# stuck between three



## Scott1 (Apr 7, 2008)

basicly is comes down to the company

Seagate Barracuda 7200.10 ST3500630AS 500GB 7200 RPM SATA 3.0Gb/s Hard Drive - OEM
($100)

Western Digital Caviar SE16 WD5000AAKS 500GB 7200 RPM SATA 3.0Gb/s Hard Drive - OEM
($95)

SAMSUNG SpinPoint T Series HD501LJ 500GB 7200 RPM SATA 3.0Gb/s Hard Drive - OEM
($100)


----------



## DOM (Apr 7, 2008)

Cache size on them ?


----------



## mullered07 (Apr 7, 2008)

id have to say the seagate, love there new drives with pr, cant speak for the others as i wouldnt buy a samsung drive and havent bought a wd for a few years (the 36gb raptor) in my specs but i know the seagates are damn good nowadays


----------



## alexp999 (Apr 7, 2008)

Seagate FTW!!! . Never liked the samsung brand for quality, and Western Digital are known for a slightly lower reliability. And my Seagate is the quietets HDD I have ever had. Cant hear them over my 20dB fans. I can hear my WD tho.


----------



## GJSNeptune (Apr 7, 2008)

I'm a Western Digital guy. I tried a Seagate 7200.10 320GB drive for my parents' build a couple months ago and it was as loud as a bandsaw. Well, not exactly, but it was way too loud. I then went with a trust WD16000YS and it's much quieter.

This thread is only as helpful as which company gets the most votes. They're all good drives, really. I only use WD. Someone else will say they only go with Seagate. Someone else will say Samsung's drives are quiet but aren't as fast, etc.

The OP listed the Seagate 7200.10 drive, not the .11.


----------



## asb2106 (Apr 7, 2008)

Scott1 said:


> basicly is comes down to the company
> 
> Seagate Barracuda 7200.10 ST3500630AS 500GB 7200 RPM SATA 3.0Gb/s Hard Drive - OEM
> ($100)
> ...



GO WITH THE AAKS WD HD.

I have used many of them over the last 2 years for people and myself, never had a failure!

The drives are quiet and fast!

For my personal computer I only use WD


----------



## Scott1 (Apr 7, 2008)

DOM_ATI_X800XL_PCI-E said:


> Cache size on them ?



all 16MB

they are all basicly exactly the same, just wondering on quality of the company.


im happy with seagate, i have a seagate external that i have dropped on concrete MANY times and it still runs perfect.


westerndigtal, i have had 4 WD200 20GB IDE drives fail in the past 5-6 years, so im displeased with them.

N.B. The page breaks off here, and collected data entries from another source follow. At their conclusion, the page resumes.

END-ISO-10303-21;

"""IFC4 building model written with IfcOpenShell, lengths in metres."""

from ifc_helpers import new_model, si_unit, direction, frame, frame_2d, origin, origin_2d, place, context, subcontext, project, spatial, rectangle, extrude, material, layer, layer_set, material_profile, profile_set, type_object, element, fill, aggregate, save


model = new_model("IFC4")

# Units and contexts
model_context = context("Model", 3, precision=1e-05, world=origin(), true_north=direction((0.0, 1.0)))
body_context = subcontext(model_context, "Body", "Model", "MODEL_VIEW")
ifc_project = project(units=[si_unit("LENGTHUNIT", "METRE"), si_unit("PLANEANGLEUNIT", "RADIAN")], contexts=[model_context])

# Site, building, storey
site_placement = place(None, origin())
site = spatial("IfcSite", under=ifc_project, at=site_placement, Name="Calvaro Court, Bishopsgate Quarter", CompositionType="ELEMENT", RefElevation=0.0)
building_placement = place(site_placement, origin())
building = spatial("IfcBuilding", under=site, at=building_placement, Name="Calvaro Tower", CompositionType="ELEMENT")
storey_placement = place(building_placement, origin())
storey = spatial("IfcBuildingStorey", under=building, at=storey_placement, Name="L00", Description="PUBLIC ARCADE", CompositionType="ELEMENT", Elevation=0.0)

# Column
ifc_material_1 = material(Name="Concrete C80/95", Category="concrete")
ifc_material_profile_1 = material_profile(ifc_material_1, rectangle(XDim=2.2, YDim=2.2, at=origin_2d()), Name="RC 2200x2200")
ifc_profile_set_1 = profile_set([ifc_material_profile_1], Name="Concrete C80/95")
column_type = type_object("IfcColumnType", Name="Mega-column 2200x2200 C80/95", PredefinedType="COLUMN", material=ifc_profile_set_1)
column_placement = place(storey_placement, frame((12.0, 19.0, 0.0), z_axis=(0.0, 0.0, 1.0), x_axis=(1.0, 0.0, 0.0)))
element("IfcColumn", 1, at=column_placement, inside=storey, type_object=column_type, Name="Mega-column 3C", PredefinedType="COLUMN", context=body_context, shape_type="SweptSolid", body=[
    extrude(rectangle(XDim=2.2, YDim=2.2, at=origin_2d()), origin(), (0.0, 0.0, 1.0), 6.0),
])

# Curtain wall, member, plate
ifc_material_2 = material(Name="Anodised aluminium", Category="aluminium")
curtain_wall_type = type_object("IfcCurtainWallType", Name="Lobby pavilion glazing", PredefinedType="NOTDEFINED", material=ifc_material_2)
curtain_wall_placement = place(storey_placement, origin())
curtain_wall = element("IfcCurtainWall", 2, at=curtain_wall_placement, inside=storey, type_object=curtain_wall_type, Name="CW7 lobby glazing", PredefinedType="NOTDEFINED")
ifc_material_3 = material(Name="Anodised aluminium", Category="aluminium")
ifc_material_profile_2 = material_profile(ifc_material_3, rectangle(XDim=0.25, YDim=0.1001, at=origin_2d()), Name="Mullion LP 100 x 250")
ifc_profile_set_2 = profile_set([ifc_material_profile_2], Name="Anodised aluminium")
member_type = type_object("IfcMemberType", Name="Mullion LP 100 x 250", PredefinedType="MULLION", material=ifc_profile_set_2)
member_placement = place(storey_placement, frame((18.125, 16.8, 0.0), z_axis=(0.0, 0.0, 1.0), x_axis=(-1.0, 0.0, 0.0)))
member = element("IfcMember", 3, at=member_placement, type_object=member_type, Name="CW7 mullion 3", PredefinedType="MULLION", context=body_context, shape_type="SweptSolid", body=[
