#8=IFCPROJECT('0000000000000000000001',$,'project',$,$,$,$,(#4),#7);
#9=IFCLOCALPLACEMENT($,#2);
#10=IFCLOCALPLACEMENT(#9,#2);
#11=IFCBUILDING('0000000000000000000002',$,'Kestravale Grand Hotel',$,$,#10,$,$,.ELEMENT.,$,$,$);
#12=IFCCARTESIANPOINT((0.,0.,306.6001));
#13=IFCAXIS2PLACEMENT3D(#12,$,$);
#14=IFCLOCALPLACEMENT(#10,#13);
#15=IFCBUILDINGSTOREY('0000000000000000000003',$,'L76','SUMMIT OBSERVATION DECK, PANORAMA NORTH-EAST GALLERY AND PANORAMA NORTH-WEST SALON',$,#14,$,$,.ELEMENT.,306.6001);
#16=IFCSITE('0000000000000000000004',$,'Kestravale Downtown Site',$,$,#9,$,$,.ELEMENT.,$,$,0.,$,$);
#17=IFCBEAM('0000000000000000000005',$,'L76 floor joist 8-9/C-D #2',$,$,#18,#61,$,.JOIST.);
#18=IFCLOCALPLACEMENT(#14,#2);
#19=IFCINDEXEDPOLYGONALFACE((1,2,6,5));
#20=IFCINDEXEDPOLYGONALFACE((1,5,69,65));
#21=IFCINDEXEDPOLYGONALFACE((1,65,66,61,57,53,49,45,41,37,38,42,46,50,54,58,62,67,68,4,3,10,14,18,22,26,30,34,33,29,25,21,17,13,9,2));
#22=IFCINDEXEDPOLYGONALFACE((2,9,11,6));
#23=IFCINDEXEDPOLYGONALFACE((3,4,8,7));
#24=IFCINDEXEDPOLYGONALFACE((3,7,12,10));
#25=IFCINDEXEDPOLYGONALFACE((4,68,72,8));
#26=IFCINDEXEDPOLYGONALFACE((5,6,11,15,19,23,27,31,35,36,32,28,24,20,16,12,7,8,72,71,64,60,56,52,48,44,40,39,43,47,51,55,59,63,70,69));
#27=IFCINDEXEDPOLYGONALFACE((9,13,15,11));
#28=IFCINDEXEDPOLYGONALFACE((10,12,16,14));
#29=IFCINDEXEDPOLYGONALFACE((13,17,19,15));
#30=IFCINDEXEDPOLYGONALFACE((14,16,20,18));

samsung ive heard good and bad.


----------



## GJSNeptune (Apr 7, 2008)

The AAKS drives are wonderful. I have a 250GB AAKS. If you can go a little higher, I've read the 640GB AAKS drive is stellar.

If WD's reliability is less than Seagate, I bet it's insignificant. Everyone has drives that fail. I have a 40GB drive still in use from 2002. When did you last try a WD drive?


----------



## tzitzibp (Apr 7, 2008)

i own both 2. and 3. and the WD seems to be running faster.....but i don't worry about it that much


----------



## freaksavior (Apr 8, 2008)

buy a 7200.11 500gb. there really fast 


http://www.newegg.com/Product/Product.aspx?Item=N82E16822148288


----------



## GSG-9 (Apr 8, 2008)

Buy the Seagates, they are great. I have one of the above and 2 of the 250's.


----------



## Pinchy (Apr 8, 2008)

My vote goes to seagate. Been most reliable for me from Seagate, Maxtor and WD . WD Arent bad though. Samsung should be good too .

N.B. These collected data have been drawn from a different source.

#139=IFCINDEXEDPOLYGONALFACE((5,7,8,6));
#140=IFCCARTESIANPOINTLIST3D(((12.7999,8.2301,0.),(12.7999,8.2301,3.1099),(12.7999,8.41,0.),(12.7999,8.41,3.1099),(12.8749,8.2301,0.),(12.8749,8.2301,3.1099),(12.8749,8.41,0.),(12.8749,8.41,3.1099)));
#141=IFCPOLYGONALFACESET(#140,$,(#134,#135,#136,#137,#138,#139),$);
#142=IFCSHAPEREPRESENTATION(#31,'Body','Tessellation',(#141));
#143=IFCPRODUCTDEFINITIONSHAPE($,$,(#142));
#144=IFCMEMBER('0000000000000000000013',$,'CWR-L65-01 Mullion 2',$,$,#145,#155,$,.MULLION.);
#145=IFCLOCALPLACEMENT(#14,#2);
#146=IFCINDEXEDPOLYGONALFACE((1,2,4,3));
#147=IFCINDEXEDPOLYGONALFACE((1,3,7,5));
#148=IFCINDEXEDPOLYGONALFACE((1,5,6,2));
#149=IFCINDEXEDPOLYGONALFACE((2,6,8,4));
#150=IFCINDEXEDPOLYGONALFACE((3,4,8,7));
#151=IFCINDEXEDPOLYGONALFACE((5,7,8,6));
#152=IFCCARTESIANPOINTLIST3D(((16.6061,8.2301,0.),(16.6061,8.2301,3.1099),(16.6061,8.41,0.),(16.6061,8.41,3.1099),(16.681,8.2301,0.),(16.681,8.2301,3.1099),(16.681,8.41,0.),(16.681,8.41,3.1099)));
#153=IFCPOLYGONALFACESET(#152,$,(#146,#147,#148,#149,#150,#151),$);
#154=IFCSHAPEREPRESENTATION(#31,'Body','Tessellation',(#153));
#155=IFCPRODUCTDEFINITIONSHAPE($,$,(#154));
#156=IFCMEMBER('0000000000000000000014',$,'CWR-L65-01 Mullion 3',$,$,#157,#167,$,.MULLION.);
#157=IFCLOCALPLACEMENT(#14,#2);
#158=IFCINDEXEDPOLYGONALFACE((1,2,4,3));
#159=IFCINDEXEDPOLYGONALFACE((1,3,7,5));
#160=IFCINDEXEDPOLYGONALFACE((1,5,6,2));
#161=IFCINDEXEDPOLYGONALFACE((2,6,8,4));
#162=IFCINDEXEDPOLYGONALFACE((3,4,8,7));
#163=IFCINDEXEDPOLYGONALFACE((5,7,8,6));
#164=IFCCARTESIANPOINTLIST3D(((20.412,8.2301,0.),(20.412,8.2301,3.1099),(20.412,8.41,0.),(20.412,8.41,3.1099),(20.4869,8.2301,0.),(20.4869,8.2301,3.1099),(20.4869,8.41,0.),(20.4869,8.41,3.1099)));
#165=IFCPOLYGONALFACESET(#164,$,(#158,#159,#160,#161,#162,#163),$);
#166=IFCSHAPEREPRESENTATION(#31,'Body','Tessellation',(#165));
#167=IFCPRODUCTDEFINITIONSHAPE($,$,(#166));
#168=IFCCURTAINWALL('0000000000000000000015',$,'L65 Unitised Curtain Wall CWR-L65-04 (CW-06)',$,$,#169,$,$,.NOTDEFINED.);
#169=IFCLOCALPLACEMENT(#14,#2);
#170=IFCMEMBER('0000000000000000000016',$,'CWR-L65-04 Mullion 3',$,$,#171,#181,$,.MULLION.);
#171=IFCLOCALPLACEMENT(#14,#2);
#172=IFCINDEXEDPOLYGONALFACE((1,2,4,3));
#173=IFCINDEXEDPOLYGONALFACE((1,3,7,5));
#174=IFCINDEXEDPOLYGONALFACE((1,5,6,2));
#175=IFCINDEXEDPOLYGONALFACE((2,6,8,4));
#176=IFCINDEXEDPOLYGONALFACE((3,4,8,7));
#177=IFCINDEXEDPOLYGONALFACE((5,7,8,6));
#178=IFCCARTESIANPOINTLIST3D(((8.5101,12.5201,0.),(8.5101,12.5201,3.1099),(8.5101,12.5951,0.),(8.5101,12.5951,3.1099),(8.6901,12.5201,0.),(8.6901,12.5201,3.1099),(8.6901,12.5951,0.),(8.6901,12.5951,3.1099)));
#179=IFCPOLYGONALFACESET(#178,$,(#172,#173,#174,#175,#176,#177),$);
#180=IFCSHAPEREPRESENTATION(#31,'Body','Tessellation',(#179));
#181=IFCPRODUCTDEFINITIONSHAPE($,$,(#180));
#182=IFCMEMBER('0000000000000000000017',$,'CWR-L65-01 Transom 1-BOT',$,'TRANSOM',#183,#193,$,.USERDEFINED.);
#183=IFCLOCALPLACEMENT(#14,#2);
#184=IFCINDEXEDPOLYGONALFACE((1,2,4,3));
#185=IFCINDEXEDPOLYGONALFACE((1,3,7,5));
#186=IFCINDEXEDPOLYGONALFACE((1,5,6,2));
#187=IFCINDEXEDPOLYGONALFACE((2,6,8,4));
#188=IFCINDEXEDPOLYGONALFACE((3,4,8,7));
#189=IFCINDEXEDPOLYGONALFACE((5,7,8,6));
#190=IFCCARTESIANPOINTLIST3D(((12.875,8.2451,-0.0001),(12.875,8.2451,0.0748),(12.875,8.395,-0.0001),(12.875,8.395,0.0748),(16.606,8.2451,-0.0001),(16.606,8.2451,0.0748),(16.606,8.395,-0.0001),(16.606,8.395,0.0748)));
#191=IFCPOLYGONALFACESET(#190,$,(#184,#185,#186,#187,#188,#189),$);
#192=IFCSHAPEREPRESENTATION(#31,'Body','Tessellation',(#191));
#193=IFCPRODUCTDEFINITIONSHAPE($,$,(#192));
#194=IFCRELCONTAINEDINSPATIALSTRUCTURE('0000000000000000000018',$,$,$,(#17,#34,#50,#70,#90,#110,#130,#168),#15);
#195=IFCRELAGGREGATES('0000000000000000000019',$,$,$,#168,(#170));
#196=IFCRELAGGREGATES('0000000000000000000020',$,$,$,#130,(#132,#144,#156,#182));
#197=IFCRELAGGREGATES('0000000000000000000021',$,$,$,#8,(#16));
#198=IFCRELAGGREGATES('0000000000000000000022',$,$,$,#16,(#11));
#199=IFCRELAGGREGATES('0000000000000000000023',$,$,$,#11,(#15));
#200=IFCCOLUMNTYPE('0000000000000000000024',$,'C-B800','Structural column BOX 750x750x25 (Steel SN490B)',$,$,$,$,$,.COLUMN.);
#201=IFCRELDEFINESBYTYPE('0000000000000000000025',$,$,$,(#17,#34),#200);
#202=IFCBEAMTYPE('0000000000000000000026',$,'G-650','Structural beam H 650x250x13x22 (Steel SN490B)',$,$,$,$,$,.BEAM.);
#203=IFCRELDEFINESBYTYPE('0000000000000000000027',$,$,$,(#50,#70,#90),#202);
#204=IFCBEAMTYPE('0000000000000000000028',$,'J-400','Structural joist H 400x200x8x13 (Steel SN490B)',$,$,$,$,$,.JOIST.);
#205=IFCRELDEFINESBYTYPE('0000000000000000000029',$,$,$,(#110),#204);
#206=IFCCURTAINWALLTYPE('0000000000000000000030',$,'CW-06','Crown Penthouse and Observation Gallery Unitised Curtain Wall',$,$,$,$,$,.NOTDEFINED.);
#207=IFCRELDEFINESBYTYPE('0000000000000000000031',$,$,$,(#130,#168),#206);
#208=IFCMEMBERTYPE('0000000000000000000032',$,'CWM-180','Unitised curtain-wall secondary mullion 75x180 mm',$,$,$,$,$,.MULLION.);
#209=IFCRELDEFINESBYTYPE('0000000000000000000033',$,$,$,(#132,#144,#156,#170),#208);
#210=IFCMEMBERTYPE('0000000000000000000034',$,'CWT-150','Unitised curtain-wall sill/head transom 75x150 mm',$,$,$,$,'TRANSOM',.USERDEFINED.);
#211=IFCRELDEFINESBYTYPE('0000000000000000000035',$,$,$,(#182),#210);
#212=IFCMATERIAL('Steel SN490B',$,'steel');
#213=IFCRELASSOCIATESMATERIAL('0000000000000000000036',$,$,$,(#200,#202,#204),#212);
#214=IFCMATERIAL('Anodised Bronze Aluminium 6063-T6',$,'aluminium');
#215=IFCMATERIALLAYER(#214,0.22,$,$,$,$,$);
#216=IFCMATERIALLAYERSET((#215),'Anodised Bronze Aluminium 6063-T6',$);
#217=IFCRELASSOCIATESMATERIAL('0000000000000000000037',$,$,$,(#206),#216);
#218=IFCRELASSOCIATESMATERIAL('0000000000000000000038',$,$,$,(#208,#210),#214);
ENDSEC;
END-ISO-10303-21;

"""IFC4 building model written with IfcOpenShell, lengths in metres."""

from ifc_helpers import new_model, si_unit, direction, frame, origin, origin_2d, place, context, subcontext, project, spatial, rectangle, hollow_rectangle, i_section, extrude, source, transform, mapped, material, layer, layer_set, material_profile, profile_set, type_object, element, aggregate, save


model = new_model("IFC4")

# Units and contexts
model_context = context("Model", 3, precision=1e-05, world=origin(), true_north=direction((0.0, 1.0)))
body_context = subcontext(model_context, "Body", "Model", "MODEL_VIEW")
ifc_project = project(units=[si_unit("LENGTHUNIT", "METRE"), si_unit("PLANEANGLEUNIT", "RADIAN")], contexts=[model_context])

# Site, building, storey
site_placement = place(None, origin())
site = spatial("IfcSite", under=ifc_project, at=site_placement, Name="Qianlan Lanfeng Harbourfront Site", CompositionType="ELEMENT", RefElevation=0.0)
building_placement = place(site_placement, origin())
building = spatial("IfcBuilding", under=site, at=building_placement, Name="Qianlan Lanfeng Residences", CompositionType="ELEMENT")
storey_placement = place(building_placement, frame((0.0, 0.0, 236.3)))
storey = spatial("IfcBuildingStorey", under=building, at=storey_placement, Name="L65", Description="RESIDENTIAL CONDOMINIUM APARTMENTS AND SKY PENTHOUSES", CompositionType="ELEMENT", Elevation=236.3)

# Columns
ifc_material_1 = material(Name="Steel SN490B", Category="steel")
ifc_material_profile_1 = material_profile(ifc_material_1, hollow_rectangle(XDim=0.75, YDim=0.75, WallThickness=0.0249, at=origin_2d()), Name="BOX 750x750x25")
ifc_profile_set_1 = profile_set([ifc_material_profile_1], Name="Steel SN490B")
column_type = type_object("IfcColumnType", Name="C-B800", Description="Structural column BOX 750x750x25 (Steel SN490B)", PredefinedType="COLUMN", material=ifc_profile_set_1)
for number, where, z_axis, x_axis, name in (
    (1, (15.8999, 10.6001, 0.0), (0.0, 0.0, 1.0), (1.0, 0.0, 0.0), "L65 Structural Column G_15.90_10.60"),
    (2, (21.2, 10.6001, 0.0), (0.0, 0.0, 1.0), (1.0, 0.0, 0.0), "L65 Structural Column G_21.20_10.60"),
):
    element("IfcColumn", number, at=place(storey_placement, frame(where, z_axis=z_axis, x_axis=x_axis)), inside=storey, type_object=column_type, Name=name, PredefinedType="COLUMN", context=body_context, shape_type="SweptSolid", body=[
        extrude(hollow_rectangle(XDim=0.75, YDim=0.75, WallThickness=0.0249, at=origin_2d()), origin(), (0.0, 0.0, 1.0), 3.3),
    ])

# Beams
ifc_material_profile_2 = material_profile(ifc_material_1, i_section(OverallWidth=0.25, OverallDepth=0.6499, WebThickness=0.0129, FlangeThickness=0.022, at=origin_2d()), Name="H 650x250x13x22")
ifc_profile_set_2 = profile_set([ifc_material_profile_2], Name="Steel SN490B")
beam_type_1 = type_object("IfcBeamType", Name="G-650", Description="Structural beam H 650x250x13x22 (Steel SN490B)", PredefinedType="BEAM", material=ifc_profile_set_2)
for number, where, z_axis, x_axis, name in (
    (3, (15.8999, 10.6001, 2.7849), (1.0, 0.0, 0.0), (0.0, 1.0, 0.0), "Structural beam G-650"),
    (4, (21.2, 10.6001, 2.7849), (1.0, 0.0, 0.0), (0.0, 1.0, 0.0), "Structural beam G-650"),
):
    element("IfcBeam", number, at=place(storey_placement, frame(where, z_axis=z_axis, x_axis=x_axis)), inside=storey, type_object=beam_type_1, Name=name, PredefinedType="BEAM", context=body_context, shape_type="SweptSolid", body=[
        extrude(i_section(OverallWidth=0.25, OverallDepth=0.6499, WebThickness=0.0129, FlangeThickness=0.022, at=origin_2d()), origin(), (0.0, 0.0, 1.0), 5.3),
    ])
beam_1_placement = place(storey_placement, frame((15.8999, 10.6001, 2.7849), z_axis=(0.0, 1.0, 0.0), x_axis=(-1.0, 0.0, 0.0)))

Go for the one with the best warranty lol.


----------



## cdawall (Apr 8, 2008)

GJSNeptune said:


> I'm a Western Digital guy. I tried a Seagate 7200.10 320GB drive for my parents' build a couple months ago and it was as loud as a bandsaw. Well, not exactly, but it was way too loud. I then went with a trust WD16000YS and it's much quieter.
> 
> This thread is only as helpful as which company gets the most votes. They're all good drives, really. I only use WD. Someone else will say they only go with Seagate. Someone else will say Samsung's drives are quiet but aren't as fast, etc.
> 
> The OP listed the Seagate 7200.10 drive, not the .11.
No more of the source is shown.